Standing out against a slate background, modelled in white wax, are the three crosses with Christ and the two thieves. A multitude of people is depicted at the foot of the cross, men are busy lifting and anchoring the crosses, Roman centurions on horseback are pointing their spears at Christ, and figures in oriental dress are arguing. The commotion seems to spread to the foreground, crossing over the rocks, the only hint of Mount Golgotha: on the right, two soldiers are fighting over Christ’s garments, while two others, armed with daggers, are fighting each other; on the left, the Virgin Mary is fainting, overpowered by grief, and supported by the Pious Women and Mary Magdalene, and St John the Evangelist is praying.
The sumptuous and elaborate frame in ebony, bronze, lapis lazuli and semiprecious stones is of the same period as the bas-relief; the whole piece is documented in the Borghese collections from 1619. The Crucifixion of Christ has been attributed to Guglielmo della Porta on the basis of stylistic similarities with another relief in Stockholm and with some drawings in the Kunstakademie in Düsseldorf.
The frame, in the form of an aedicule, is entirely decorated in semi-precious stone inlay: crowned at the top by a mixtilinear tympanum resting on a plain architrave, it has two pilasters at this sides with gilded Ionic capitals. The base is punctuated by mirrors with circular inlays of white marble and a floral motif in the centre. It is devoid of the volumes that characterise some of the best examples of frames of the time, and should instead be equated with some of the “stipetti” (cabinets) and “studioli”(studies) commonly found in 16th-century Rome, pieces that can be seen in the Capitoline Museums (Opere, 1971-1972, p. 48). This similarity dates it to the same years in which the relief that it frames was probably made.
Borghese Collection, documented in 1619 (Archivio Segreto Vaticano, Archivio Borghese, Nota delle gioie consegnate a D. Marcantonio Senior, 1619, no. 292); Inventario Fidecommissario Borghese 1833, p. 15. Purchased by the State, 1902.
The relief is characterised by its clear, two-tone colouring, with the dark slate background emphasising the figures modelled in white wax, especially in the upper part where the three crosses immediately capture the observer’s attention, immersing him in the dark and dramatic atmosphere of the scene. On the cross at the centre is Christ, his head tilted. Facing him, on the cross tothe left, is the good thief, his arms outstretched and raised, in a gesture of prayer; on the right, the bad thief instead has his backturned to Christ and his arms affixed to the cross, from which he hangs lifeless. Numerous men are involved with the crucifixion, surrounded by ladders, saws and other tools and incited by Roman soldiers on horseback and turbaned figures talking. In the foreground on the left are the Virgin, supported by the Pious Women and Mary Magdalene. St John, his face filled with despair, is praying. On the right, two soldiers are fighting over Christ’s robes, and two others armed with daggers take each other on. The relief has a wealth of detail and, especially in the figures in the foreground, is characterised by accentuated modelling, detailed and deeply carved drapery to emphasise the gestures and movements.
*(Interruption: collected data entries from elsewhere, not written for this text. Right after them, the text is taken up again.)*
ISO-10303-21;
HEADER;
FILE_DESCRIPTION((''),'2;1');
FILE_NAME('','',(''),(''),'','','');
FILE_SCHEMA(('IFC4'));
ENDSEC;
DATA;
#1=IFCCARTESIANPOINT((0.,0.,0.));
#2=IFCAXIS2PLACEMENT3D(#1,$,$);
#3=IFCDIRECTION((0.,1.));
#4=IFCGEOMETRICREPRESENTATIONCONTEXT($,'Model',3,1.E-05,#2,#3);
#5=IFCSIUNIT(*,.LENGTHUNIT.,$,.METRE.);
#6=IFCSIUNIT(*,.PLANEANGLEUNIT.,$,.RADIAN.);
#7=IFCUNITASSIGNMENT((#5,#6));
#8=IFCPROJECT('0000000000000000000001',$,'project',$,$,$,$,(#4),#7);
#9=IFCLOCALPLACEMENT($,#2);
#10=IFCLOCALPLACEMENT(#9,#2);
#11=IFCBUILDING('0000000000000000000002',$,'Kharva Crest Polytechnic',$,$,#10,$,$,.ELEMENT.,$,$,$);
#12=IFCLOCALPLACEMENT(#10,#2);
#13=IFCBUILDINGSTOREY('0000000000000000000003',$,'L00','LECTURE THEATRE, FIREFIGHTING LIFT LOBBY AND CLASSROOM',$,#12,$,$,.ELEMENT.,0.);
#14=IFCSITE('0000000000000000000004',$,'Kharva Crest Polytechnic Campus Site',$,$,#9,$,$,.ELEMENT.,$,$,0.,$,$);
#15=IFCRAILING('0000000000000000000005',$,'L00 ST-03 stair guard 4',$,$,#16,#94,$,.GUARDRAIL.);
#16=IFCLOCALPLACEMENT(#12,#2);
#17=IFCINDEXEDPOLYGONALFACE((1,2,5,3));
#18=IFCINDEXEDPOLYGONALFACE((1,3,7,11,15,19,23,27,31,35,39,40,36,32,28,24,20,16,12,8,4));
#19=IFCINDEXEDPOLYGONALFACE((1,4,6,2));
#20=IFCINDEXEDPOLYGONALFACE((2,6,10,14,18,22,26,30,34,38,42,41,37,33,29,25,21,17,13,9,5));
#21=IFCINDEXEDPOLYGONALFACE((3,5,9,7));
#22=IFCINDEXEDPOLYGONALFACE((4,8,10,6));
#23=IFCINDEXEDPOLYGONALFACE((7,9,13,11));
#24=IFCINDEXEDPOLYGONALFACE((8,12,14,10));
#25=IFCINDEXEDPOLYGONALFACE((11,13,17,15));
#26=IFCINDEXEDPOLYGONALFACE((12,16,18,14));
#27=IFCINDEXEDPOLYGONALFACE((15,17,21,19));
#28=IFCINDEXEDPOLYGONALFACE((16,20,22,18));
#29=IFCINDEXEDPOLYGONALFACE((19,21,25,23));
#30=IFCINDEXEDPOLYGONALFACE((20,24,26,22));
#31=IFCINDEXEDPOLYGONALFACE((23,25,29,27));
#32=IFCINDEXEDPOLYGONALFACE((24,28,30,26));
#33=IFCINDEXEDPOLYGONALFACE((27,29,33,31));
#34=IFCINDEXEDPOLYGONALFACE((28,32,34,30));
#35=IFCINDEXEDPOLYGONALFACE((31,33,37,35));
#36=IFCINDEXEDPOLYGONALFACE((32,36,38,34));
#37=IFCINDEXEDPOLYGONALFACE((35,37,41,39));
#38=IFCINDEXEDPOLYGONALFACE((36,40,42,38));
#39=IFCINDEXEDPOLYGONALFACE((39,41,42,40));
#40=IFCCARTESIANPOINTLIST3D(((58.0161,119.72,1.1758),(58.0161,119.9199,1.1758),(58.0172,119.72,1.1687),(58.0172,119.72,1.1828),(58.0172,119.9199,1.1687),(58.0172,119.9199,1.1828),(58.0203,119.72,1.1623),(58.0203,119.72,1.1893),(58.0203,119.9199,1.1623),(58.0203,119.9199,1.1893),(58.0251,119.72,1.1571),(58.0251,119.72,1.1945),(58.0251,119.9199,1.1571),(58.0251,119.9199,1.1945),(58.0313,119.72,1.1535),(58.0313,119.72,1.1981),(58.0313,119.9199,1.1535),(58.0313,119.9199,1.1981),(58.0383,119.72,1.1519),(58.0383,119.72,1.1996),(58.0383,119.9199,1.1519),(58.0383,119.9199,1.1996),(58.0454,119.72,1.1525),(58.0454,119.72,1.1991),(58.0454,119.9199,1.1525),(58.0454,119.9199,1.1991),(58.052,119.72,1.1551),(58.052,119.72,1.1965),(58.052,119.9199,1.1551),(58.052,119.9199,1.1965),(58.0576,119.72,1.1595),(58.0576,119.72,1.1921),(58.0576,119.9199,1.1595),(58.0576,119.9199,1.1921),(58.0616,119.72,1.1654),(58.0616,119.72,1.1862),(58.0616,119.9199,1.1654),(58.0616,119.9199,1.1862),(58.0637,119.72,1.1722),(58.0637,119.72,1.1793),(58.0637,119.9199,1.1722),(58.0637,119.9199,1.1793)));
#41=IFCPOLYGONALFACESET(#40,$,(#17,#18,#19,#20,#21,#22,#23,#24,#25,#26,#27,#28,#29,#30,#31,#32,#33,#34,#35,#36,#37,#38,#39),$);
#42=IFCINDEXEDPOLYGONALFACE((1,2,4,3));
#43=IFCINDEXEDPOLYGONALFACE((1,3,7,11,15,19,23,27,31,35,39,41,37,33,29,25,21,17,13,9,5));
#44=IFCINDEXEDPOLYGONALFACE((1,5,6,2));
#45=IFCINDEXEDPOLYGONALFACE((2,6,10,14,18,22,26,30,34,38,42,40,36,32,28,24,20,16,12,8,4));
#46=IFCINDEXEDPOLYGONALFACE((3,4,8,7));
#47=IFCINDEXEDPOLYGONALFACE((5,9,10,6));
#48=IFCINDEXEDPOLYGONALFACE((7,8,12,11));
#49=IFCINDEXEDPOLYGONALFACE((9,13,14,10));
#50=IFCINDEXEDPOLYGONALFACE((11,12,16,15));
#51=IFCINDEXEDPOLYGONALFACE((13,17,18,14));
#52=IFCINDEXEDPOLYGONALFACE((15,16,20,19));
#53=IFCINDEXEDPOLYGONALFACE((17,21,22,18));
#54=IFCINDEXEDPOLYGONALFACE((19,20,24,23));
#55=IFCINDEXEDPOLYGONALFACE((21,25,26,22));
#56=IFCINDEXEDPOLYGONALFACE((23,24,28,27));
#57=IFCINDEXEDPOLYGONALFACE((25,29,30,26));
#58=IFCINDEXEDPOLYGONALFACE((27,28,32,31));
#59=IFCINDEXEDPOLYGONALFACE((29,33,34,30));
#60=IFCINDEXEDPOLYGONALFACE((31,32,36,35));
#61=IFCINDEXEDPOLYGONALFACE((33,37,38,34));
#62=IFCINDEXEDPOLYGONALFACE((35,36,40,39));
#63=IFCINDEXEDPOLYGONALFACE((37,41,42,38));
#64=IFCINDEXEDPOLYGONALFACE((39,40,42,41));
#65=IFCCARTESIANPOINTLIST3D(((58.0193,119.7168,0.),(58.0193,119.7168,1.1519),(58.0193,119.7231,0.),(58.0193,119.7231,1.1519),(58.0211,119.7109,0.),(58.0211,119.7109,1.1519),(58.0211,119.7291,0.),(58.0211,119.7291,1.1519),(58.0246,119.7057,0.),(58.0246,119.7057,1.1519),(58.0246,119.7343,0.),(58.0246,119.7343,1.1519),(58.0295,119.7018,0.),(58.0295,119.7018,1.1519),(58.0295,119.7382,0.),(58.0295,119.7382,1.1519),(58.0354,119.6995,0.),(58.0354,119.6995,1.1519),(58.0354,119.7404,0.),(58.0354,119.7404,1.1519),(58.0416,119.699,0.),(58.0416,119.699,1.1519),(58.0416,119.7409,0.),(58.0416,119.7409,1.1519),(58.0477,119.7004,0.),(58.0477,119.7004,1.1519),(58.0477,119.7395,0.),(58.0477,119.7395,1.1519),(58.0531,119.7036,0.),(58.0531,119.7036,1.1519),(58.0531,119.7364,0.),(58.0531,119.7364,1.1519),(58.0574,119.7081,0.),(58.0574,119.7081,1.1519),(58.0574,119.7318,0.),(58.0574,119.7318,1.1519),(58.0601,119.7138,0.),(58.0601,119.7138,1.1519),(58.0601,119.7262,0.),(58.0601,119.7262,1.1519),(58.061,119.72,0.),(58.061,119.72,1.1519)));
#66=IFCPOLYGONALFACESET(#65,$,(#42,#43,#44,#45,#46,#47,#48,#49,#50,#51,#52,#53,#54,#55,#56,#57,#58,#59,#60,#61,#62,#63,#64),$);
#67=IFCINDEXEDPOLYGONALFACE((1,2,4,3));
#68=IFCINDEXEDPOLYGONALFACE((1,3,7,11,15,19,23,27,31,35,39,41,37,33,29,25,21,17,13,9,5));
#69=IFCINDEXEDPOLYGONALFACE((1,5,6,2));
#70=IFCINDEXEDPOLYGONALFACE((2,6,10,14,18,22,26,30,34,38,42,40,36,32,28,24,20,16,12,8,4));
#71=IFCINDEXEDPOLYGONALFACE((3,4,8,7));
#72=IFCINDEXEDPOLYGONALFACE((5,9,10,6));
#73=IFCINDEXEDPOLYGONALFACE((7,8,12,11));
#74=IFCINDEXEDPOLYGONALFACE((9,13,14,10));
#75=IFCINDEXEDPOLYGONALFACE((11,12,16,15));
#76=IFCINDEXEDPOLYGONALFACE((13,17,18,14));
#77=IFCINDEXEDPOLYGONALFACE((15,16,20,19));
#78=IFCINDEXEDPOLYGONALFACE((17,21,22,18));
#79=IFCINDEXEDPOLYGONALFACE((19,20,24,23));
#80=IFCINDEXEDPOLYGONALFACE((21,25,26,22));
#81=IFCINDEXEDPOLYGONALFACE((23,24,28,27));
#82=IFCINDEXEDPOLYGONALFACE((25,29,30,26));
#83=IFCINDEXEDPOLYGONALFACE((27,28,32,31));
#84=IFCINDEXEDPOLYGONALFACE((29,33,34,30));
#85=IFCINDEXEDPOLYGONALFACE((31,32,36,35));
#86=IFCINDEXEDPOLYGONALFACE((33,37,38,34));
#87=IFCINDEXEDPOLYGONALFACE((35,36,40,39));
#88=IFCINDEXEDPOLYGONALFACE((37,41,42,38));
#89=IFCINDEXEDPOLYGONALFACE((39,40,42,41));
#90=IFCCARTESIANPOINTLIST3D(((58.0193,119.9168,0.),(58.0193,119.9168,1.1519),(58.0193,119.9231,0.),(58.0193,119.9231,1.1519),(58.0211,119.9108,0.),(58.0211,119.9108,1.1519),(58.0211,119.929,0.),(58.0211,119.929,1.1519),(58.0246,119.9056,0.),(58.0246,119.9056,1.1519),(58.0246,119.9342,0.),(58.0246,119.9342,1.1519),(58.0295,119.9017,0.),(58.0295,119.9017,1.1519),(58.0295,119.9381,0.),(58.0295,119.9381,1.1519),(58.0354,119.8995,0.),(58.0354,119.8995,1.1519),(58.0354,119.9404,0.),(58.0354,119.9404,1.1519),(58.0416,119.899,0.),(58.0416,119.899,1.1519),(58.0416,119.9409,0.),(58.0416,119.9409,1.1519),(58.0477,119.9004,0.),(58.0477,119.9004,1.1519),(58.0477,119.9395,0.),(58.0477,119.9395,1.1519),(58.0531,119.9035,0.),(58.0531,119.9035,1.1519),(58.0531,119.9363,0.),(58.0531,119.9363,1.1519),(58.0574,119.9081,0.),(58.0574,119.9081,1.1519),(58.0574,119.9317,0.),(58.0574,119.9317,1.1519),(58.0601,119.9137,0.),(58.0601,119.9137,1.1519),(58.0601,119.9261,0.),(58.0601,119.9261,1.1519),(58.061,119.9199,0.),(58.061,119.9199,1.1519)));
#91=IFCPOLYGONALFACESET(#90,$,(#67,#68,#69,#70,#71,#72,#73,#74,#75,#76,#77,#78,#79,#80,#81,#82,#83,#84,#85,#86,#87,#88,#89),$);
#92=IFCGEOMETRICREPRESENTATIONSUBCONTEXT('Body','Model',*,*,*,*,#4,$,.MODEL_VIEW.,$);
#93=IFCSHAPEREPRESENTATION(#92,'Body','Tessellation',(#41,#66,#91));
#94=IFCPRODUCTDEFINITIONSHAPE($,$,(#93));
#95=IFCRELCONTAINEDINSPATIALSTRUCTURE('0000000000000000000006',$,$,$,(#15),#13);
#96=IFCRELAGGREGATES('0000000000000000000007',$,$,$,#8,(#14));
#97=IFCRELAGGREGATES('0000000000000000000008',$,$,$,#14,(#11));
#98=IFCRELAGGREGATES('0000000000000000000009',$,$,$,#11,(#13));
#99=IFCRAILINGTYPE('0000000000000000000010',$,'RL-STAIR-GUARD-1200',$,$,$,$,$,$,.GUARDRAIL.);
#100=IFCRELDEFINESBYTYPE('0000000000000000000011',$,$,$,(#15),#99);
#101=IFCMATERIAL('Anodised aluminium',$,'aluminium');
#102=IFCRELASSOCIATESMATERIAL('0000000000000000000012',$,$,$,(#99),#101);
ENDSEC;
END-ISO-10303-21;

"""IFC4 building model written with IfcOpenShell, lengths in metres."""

from ifc_helpers import new_model, si_unit, direction, frame, origin, origin_2d, place, context, subcontext, project, spatial, circle, extrude, material, type_object, element, save


model = new_model("IFC4")

# Units and contexts
model_context = context("Model", 3, precision=1e-05, world=origin(), true_north=direction((0.0, 1.0)))
body_context = subcontext(model_context, "Body", "Model", "MODEL_VIEW")
ifc_project = project(units=[si_unit("LENGTHUNIT", "METRE"), si_unit("PLANEANGLEUNIT", "RADIAN")], contexts=[model_context])

# Site, building, storey
site_placement = place(None, origin())
site = spatial("IfcSite", under=ifc_project, at=site_placement, Name="Kharva Crest Polytechnic Campus Site", CompositionType="ELEMENT", RefElevation=0.0)
building_placement = place(site_placement, origin())
building = spatial("IfcBuilding", under=site, at=building_placement, Name="Kharva Crest Polytechnic", CompositionType="ELEMENT")
storey_placement = place(building_placement, origin())
storey = spatial("IfcBuildingStorey", under=building, at=storey_placement, Name="L00", Description="LECTURE THEATRE, FIREFIGHTING LIFT LOBBY AND CLASSROOM", CompositionType="ELEMENT", Elevation=0.0)

# Railing
ifc_material_1 = material(Name="Anodised aluminium", Category="aluminium")
railing_type_1 = type_object("IfcRailingType", Name="RL-STAIR-GUARD-1200", PredefinedType="GUARDRAIL", material=ifc_material_1)
railing_1_placement = place(storey_placement, frame((58.04, 119.72, 0.0)))
element("IfcRailing", 1, at=railing_1_placement, inside=storey, type_object=railing_type_1, Name="L00 ST-03 stair guard 4", PredefinedType="GUARDRAIL", context=body_context, shape_type="SweptSolid", body=[
    extrude(circle(Radius=0.0239, at=origin_2d()), frame((0.0, 0.0, 1.1758), z_axis=(0.0, 1.0, 0.0), x_axis=(-1.0, 0.0, 0.0)), (0.0, 0.0, 1.0), 0.2),
    extrude(circle(Radius=0.021, at=origin_2d()), origin(), (0.0, 0.0, 1.0), 1.1519),
    extrude(circle(Radius=0.021, at=origin_2d()), frame((0.0, 0.2, 0.0)), (0.0, 0.0, 1.0), 1.1519),
])

save(model, "model.ifc")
How and when the relief entered the Borghese collections is not known. It is mentioned for the first time in an inventory of the Borghese collection in 1619 (Archivio Segreto Vaticano, Archivio Borghese, Nota delle gioie consegne a D. Marcantonio Senior, 1619, no. 292). Montelatici (1700, p. 304) recalls it in one of the small rooms on the first floor of the Villa Pinciana, where it was exhibited with four other reliefs, all made with different materials. Venturi argued that it was of the School of Michelangelo (1893, p. 218), while Middeldorf named Guglielmo Della Porta as its author, for the first time, based on a comparison with some of the artist’s drawings in the Kunstakademie in Düsseldorf. The scholar, rereading a passage from the Lives in which Vasari speaks of 14 models for reliefs made by the sculptor for bronze castings, suggested that this work might be one of them (although the dimensions do not match). He also assumed that a pupil of the sculptor had worked on some of the details, naming the Flemish Jacob Cobaert (Middeldorf 1935, pp. 90-96). Despite the fineness of the details, Faldi believed it was unlikely that this could be an autonomous work, that such a hypothesis would be contradicted by the use of white wax, and that the relief was a preparatory work for a metal casting (1954, p. 51). Herrmann Fiore refers to a bronze door for St Peter’s Basilica (1999, p. 38); commissioned to Guglielmo della Porta by Pope Pius IV and never made. It must have consisted of eight panels, necessarily larger than the present relief (Extermann 2012, pp. 67-69).
The attribution to Della Porta, accepted by Venturi (1937, p. 544) and della Pergola (1951, p. 37), is not reported by De Rinaldis, who opts for an unknown Flemish sculptor (1948, p. 53). More recently, Gabhart pointed out a close correlation with a Deposition in gold in the Walters Gallery, New York (Gabhart 1968-69, p. 31).